The pairing of Taiwanese and Chinese food with wine is a genuine editorial challenge. The cuisine's range of textures and heat levels , from the cold precision of jellyfish or century egg to the aggressive spice of mapo tofu or chili oil wontons , requires a list built with thought rather than default French red selections. A list that earns three consecutive top-three placements from a specialist wine publication has, at minimum, been built with intention.
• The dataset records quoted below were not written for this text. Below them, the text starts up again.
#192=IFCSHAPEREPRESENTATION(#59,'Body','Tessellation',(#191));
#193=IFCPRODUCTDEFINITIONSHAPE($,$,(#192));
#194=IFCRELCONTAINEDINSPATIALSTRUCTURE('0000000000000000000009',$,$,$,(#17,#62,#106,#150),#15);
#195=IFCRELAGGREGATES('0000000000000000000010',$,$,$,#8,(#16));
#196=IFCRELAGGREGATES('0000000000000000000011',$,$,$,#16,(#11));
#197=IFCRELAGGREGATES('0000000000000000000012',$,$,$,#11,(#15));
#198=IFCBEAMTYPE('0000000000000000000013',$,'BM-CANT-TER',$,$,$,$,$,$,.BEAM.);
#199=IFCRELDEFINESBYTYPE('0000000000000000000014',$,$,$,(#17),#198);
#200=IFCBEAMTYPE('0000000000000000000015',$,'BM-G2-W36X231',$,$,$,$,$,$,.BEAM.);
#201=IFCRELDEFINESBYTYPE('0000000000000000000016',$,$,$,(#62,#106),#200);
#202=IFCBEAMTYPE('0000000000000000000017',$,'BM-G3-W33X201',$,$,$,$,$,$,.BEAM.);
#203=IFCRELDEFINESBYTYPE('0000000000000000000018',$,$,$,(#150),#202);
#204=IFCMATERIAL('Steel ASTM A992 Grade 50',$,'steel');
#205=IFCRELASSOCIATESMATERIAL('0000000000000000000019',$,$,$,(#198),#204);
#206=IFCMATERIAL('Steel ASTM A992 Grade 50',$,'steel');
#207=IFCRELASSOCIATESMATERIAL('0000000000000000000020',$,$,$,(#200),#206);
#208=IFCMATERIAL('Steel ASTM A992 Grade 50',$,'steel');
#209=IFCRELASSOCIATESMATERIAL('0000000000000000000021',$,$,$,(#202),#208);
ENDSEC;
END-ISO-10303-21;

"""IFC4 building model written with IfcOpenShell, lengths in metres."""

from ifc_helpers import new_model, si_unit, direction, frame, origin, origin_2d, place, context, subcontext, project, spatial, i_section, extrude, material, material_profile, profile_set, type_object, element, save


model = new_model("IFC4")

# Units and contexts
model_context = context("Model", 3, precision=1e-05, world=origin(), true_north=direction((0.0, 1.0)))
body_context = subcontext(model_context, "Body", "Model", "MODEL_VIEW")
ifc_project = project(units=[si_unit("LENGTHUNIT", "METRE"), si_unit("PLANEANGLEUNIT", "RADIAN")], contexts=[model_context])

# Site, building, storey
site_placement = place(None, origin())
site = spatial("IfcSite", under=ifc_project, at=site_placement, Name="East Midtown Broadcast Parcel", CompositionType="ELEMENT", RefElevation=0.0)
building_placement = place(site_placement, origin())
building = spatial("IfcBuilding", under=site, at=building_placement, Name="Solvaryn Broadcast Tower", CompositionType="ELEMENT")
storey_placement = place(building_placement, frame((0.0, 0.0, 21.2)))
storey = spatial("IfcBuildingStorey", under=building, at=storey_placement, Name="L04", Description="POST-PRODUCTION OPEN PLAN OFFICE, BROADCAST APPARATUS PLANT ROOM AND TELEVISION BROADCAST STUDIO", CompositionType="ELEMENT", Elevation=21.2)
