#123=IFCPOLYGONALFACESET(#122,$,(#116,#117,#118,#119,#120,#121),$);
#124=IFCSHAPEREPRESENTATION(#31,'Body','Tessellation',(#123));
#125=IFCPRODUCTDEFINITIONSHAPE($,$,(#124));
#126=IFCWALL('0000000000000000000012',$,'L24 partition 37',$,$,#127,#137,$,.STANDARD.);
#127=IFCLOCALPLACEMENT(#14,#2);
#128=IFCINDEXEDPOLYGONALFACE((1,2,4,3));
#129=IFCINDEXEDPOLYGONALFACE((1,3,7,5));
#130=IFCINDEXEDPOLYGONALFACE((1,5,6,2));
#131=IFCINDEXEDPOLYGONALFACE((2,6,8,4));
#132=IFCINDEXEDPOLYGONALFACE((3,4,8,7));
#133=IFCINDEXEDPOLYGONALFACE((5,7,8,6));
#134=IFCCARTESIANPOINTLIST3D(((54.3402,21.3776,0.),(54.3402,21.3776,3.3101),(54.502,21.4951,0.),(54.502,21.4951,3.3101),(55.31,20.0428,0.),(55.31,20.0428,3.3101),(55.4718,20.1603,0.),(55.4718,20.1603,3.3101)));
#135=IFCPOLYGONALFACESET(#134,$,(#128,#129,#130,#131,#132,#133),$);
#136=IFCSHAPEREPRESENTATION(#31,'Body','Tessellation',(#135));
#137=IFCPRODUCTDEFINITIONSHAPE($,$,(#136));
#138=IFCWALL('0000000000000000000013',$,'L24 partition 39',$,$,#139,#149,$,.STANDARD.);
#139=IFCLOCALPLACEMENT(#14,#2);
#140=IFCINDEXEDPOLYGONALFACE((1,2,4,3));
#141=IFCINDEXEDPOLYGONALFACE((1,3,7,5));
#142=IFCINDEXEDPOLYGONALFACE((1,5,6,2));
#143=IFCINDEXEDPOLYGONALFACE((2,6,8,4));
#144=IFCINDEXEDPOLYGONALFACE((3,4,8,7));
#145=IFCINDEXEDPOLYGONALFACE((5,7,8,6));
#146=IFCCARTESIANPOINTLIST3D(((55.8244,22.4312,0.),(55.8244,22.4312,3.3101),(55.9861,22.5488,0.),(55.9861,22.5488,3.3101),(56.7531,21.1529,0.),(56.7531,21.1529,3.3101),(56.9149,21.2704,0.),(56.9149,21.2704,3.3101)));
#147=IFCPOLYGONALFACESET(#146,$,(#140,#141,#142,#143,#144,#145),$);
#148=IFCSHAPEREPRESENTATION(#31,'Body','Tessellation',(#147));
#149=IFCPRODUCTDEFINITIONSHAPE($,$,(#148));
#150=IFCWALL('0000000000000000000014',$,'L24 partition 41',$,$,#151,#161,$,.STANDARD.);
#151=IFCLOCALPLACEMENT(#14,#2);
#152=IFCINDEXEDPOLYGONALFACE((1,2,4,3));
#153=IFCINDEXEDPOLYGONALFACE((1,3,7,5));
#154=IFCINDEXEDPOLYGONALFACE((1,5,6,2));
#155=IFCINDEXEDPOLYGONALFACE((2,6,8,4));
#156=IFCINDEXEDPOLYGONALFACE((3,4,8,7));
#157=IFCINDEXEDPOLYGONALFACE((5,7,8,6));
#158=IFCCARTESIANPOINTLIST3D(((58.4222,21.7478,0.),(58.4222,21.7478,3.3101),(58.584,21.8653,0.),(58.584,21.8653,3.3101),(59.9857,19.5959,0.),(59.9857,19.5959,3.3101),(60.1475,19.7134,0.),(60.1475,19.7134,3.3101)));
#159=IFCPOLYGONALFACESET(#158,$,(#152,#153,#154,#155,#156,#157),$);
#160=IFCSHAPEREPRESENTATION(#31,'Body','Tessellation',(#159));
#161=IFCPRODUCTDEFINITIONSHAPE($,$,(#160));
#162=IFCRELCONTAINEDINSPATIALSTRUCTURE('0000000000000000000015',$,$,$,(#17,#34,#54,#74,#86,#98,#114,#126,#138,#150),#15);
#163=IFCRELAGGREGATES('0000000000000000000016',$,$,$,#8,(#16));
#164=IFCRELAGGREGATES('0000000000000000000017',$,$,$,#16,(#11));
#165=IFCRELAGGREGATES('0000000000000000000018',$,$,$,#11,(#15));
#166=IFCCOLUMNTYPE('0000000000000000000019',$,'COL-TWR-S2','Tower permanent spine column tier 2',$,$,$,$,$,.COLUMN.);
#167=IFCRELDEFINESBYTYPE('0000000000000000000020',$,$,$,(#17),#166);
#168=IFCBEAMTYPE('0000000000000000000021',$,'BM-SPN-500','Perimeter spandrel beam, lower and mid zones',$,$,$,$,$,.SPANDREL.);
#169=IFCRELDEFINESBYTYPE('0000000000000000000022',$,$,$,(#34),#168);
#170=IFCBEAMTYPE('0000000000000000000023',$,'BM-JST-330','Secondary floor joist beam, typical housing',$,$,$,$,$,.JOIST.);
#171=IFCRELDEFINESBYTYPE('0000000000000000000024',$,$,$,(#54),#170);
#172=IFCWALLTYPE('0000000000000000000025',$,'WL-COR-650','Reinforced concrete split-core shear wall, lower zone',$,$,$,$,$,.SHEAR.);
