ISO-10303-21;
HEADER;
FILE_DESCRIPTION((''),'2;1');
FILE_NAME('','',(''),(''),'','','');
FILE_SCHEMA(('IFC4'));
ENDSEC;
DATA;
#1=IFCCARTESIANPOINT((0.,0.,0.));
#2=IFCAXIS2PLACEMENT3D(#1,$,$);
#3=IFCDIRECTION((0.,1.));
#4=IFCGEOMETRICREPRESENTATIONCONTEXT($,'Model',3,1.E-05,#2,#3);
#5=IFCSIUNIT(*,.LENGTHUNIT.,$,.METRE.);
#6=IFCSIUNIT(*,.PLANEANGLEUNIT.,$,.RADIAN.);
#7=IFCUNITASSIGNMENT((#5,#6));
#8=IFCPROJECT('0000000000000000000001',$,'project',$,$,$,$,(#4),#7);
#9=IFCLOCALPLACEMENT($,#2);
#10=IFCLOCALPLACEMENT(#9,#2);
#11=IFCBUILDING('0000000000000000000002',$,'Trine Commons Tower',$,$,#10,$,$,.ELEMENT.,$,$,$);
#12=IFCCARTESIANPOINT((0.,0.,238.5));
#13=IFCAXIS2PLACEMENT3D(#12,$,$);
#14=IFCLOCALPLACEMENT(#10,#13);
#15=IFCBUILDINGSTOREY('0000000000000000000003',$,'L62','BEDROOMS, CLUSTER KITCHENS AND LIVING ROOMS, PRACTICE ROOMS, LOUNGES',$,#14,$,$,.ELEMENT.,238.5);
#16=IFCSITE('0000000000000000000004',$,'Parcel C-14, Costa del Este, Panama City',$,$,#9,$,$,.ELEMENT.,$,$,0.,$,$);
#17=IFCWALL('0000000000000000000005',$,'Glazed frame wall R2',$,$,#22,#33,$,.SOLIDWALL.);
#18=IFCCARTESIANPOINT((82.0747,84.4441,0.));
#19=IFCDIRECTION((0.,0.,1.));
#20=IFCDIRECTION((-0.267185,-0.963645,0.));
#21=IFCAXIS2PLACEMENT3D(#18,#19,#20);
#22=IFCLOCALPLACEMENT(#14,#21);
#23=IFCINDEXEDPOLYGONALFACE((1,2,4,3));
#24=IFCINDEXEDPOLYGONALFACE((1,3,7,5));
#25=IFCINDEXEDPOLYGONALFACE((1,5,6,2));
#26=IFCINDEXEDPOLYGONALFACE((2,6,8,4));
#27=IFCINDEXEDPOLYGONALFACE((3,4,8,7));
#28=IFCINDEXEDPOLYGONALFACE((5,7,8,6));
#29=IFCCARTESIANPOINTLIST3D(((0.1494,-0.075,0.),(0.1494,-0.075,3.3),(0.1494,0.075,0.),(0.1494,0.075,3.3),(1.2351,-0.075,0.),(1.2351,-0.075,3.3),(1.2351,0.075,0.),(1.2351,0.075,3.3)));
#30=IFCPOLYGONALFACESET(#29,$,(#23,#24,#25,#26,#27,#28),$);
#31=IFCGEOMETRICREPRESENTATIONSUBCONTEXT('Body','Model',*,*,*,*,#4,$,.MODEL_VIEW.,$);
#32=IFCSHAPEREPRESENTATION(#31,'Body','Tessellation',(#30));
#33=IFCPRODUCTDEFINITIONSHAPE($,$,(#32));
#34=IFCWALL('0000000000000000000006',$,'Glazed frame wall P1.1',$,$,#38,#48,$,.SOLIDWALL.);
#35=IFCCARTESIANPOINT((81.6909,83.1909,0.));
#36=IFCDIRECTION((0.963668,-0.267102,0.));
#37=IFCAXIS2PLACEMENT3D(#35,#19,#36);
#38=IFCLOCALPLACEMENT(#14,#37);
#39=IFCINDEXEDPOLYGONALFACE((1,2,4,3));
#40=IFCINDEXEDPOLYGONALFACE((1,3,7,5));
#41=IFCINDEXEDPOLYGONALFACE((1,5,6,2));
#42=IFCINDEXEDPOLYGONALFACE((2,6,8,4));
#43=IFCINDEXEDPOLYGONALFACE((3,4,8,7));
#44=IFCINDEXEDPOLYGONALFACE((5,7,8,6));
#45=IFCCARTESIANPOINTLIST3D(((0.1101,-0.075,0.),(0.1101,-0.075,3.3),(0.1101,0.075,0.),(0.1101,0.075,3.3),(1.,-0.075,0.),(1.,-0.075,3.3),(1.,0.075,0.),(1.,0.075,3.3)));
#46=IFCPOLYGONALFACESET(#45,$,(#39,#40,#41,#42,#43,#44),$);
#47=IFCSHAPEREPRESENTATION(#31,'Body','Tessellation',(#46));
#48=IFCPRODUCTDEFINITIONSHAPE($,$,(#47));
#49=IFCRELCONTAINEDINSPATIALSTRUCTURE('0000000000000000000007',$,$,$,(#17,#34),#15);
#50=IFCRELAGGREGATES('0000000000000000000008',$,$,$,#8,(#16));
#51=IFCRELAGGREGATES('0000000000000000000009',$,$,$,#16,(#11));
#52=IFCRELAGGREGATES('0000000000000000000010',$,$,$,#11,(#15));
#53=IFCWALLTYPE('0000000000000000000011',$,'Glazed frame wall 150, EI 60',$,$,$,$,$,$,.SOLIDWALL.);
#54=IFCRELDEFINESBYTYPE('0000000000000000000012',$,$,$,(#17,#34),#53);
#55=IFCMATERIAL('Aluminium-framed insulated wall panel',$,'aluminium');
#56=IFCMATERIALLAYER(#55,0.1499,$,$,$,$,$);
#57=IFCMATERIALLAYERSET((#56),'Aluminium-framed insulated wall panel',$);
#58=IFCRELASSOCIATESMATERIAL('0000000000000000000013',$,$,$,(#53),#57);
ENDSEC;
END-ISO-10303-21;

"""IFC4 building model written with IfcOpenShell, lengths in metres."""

from ifc_helpers import new_model, si_unit, direction, frame, origin, place, context, subcontext, project, spatial, polyline, outline, extrude, material, layer, layer_set, type_object, element, save


model = new_model("IFC4")

# Units and contexts
model_context = context("Model", 3, precision=1e-05, world=origin(), true_north=direction((0.0, 1.0)))
body_context = subcontext(model_context, "Body", "Model", "MODEL_VIEW")
ifc_project = project(units=[si_unit("LENGTHUNIT", "METRE"), si_unit("PLANEANGLEUNIT", "RADIAN")], contexts=[model_context])

# Site, building, storey
site_placement = place(None, origin())
site = spatial("IfcSite", under=ifc_project, at=site_placement, Name="Parcel C-14, Costa del Este, Panama City", CompositionType="ELEMENT", RefElevation=0.0)
building_placement = place(site_placement, origin())
building = spatial("IfcBuilding", under=site, at=building_placement, Name="Trine Commons Tower", CompositionType="ELEMENT")
storey_placement = place(building_placement, frame((0.0, 0.0, 238.5)))
storey = spatial("IfcBuildingStorey", under=building, at=storey_placement, Name="L62", Description="BEDROOMS, CLUSTER KITCHENS AND LIVING ROOMS, PRACTICE ROOMS, LOUNGES", CompositionType="ELEMENT", Elevation=238.5)

# Walls
ifc_material_1 = material(Name="Aluminium-framed insulated wall panel", Category="aluminium")
ifc_layer_1 = layer(ifc_material_1, 0.1499)
ifc_layer_set_1 = layer_set([ifc_layer_1], Name="Aluminium-framed insulated wall panel")
wall_type_1 = type_object("IfcWallType", Name="Glazed frame wall 150, EI 60", PredefinedType="SOLIDWALL", material=ifc_layer_set_1)
wall_1_placement = place(storey_placement, frame((82.0747, 84.4441, 0.0), z_axis=(0.0, 0.0, 1.0), x_axis=(-0.267185, -0.963645, 0.0)))
element("IfcWall", 1, at=wall_1_placement, inside=storey, type_object=wall_type_1, Name="Glazed frame wall R2", PredefinedType="SOLIDWALL", context=body_context, shape_type="SweptSolid", body=[
    extrude(outline(polyline([(0.1494, 0.075), (0.1494, -0.075), (1.2351, -0.075), (1.2351, 0.075), (0.1494, 0.075)])), origin(), (0.0, 0.0, 1.0), 3.3),
])
wall_2_placement = place(storey_placement, frame((81.6909, 83.1909, 0.0), z_axis=(0.0, 0.0, 1.0), x_axis=(0.963668, -0.267102, 0.0)))
element("IfcWall", 2, at=wall_2_placement, inside=storey, type_object=wall_type_1, Name="Glazed frame wall P1.1", PredefinedType="SOLIDWALL", context=body_context, shape_type="SweptSolid", body=[
    extrude(outline(polyline([(0.1101, -0.075), (1.0, -0.075), (1.0, 0.075), (0.1101, 0.075), (0.1101, -0.075)])), origin(), (0.0, 0.0, 1.0), 3.3),
])

save(model, "model.ifc")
The scallion pancake martini, frequently cited in reviews, points to a drinks program willing to bridge the two worlds rather than treating them as separate categories.
The Room and the Address
SoHo's Prince Street address puts Pinch Chinese in a neighbourhood where the dinner competition is mostly European-leaning, from Italian trattorias to bistro-format French. The lanterns overhead and the active front bar create a room that reads as specifically Chinese in its reference points rather than a general pan-Asian fusion register , a distinction that matters to anyone eating here with a point of comparison. The window into the kitchen reinforces that the cooking, not the interior styling, carries the weight.
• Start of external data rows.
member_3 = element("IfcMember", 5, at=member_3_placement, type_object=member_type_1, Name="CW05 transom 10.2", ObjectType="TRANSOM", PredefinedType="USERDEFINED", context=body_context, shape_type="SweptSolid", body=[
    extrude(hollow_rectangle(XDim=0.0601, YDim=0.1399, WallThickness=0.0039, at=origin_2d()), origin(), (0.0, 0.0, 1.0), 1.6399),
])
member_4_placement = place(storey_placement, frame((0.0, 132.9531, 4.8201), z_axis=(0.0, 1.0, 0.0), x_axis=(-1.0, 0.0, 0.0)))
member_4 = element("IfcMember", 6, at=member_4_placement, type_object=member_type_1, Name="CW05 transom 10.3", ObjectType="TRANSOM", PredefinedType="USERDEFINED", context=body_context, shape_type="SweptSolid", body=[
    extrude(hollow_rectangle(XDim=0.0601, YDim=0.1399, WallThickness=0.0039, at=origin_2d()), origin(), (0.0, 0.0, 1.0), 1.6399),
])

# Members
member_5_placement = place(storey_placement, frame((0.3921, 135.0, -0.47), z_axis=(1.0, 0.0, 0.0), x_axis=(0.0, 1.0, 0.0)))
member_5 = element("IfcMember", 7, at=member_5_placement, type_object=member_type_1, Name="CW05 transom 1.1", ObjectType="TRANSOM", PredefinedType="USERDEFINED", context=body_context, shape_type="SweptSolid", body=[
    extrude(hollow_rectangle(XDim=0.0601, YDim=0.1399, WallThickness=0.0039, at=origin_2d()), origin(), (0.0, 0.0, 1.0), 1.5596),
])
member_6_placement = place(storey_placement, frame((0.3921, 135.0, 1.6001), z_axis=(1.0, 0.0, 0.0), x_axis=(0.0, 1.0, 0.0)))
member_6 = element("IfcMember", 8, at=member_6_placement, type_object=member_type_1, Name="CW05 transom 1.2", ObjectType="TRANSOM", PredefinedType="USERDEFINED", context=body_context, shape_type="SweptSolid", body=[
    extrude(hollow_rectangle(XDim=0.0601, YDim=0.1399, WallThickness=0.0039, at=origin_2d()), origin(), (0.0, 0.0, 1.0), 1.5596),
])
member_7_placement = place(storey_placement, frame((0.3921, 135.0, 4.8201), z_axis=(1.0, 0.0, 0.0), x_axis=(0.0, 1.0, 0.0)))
In the broader context of New York's dining hierarchy, Pinch Chinese is operating in a different price register from the formal tasting-menu rooms that dominate the city's award landscape. Le Bernardin, Atomix, Eleven Madison Park, and Masa all sit at the far end of the price spectrum. Pinch Chinese at $$ with Bib Gourmand recognition and a wine program that ranks nationally is positioned as the kind of restaurant that serious eaters return to on rotation rather than reserve for occasion dining.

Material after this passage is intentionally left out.